Smith quit drinking years ago, she said, but still smokes two packs of cigarettes a day. Just as there are certain fishermen on the river she doesn't care for, there are a few species she's not a fan of: Cormorants, which eat too many herring in her judgment; catfish, which she deems "nasty"; along with darn "yuppies" and their dogs, which harass the forest animals, she said.

Then there are her favorites: deer, of course, but also snakes, turtles and vultures, since she is just as interested in what's living in the forest as what has died there.

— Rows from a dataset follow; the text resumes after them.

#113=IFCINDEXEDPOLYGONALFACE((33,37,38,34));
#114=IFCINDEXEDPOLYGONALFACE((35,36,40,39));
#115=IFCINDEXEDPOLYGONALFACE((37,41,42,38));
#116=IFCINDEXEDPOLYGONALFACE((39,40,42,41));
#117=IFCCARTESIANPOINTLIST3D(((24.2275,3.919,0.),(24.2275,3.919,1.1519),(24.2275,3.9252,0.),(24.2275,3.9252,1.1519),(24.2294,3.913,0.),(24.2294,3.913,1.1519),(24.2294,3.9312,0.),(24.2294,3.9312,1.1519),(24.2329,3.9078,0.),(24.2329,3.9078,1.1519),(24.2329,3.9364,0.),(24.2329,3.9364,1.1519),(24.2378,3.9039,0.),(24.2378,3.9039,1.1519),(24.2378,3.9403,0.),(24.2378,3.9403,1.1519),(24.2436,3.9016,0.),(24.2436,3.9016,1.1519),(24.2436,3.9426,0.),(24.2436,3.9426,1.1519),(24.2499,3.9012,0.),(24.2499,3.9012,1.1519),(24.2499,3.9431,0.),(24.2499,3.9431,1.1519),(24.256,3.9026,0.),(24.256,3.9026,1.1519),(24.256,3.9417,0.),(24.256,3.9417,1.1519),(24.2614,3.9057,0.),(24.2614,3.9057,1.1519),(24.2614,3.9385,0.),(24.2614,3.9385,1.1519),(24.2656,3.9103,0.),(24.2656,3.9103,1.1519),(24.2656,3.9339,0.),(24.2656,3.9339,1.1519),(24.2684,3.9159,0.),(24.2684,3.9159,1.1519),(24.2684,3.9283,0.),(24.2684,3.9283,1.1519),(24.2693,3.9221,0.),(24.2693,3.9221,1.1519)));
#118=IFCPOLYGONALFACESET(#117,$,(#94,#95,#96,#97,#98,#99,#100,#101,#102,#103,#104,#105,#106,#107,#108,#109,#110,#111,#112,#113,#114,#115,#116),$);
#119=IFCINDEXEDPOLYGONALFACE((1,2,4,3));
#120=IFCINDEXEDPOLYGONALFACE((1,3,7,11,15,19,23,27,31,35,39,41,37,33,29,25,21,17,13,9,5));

"Don't ever get too close to a vulture's nest," she cautioned this reporter, following her along the Potomac through muck and underbrush on the search for dead deer. "They'll vomit on you. And you don't want nothing to do with what they've been eating."

Washington's riverbanks may not be far from human settlement, but they can be wild and dangerous, Smith said. When the weather warms, homeless men set up camps in the woods. A few are dangerous, Smith said, and she is careful to avoid those she considers most unstable.

As she cut a roundabout path through the forest, Smith followed a pack of circling vultures to a rocky outcropping near Chain Bridge on the Washington side of the river. There, a pregnant doe had been butchered so recently that its discarded remains had no odor.

"You see this (mess)?" she said angrily, poking at a pile of entrails. "Since October I've probably found 20 dead deer out here. Most years I find one to six. I think they're taking them out and selling the meat."

Smith said that while there's an overpopulation of deer in the region, the animals are supposed to be protected on parkland. "I don't want no commercial venture wiping them out in here," she fumed.

Two wild turkeys appeared on the way back toward Fletcher's, and Smith followed them for a little while through the bushes, seeing how close she could get. She said the poachers would probably hunt them out by the end of the summer.

Of course, she didn't exactly use that language.